Affiliate Session- Association of Ancient Historians For AHA Annual Meeting in Denver, January 2017


With the death of Alexander the Great and the eventual disintegration of his widespread empire, the individual empires of the Ptolemies and the Seleucids grew. These two empires are recognized for their growth and development of early institutions that would shape the Ancient Mediterranean. Scholarship in the last two decades has expanded our understanding of how these two empires interacted within Greco-Roman society through history, religion, philosophy, archaeology, art history and demographics: Lewis (1986), Kuhrt (1987), (1993), Millar (1987), Lampela (1998), Hölbl (2001), and Manning (2009). Their research sought to discuss the political and military history as a means of connection and authority within the region; stressing instability rather than tradition and continuation.

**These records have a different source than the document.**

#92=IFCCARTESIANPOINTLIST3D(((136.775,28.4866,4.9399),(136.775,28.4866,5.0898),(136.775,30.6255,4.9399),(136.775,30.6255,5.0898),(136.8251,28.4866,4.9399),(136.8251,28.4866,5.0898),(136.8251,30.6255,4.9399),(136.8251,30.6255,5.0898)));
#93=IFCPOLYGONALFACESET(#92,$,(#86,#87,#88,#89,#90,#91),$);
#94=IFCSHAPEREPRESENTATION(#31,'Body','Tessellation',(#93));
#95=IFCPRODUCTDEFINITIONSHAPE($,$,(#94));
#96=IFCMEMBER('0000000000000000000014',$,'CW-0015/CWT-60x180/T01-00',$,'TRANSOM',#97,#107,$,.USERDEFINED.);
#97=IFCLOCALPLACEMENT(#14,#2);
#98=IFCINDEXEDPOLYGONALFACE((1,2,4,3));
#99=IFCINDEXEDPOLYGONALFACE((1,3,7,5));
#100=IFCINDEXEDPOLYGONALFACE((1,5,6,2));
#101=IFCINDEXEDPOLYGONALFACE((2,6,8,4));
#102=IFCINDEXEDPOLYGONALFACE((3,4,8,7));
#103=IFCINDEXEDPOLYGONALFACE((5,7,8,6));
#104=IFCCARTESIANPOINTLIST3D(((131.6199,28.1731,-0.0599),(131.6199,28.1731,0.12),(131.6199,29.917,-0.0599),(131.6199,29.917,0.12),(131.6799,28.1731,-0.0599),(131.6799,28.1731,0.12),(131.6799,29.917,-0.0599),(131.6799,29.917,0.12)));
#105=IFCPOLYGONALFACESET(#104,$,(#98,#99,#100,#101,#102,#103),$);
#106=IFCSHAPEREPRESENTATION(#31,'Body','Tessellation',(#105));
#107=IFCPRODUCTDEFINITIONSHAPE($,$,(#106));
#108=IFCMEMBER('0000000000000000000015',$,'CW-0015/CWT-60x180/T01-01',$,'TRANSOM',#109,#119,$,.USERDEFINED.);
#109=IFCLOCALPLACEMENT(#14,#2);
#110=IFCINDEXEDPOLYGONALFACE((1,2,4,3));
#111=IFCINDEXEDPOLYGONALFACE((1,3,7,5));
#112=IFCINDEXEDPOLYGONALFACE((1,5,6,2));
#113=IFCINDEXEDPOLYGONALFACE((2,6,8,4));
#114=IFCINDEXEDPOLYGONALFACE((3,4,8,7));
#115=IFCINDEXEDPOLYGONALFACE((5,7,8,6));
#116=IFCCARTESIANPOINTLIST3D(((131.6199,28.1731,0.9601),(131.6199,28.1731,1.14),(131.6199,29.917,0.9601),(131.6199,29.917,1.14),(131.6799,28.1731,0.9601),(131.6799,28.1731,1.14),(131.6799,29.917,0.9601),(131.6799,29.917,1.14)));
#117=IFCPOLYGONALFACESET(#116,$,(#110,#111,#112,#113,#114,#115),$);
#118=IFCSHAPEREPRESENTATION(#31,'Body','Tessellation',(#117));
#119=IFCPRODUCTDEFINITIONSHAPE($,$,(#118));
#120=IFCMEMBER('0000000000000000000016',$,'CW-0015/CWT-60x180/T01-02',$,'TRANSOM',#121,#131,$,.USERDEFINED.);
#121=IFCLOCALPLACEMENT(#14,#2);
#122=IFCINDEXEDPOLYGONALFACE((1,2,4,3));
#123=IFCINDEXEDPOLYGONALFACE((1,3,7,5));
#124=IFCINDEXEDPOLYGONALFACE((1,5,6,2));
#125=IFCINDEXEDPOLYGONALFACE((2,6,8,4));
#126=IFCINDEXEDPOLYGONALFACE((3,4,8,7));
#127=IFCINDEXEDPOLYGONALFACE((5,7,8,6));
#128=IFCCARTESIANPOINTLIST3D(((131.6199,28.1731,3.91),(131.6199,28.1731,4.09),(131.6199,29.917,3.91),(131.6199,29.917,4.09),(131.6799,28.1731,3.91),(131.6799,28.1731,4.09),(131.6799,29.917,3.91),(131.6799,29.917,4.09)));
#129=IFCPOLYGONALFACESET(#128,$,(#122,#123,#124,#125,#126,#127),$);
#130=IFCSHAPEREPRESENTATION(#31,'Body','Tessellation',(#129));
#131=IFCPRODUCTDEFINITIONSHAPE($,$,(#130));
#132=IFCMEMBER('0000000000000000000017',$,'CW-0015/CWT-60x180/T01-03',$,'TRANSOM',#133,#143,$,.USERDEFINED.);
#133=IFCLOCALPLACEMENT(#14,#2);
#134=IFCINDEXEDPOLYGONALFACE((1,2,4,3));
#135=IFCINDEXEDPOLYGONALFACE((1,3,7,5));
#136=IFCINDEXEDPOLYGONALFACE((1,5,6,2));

Much scholarship, including museum exhibits, has looked at these two regions independently rather than their interactions, but this panel seeks to demonstrate that more can be done with historical and secular aspects of the period.


This panel will seek to show how there was a continuation and a dialogue within the region through the cultural, social and economic developments among the two empires and their connections with other burgeoning states.


FECHA LÍMITE/DEADLINE/SCADENZA: 25/03/2016


FECHA CONGRESO/CONGRESS DATE/DATA CONGRESSO: 01/2017 (enero, January, gennaio)


LUGAR/LOCATION/LUOGO: Denver (Colorado, USA)


ORGANIZADOR/ORGANIZER/ORGANIZZATORE: AAH (Association of Ancient Historians)

Rachael Goldman, goldmanr@tcnj.edu


INFO: WEB


CALL:

Papers that seek to address the following issues will be considered:

Identity prior to the rise of the Diadochi

Religion and Cult Worship between these Two Empires

Women of the Region

The “Barbarism” Attributed to these Peoples

Connections with Eastern Kingdoms (e.g. Bactria, India, Central Asia)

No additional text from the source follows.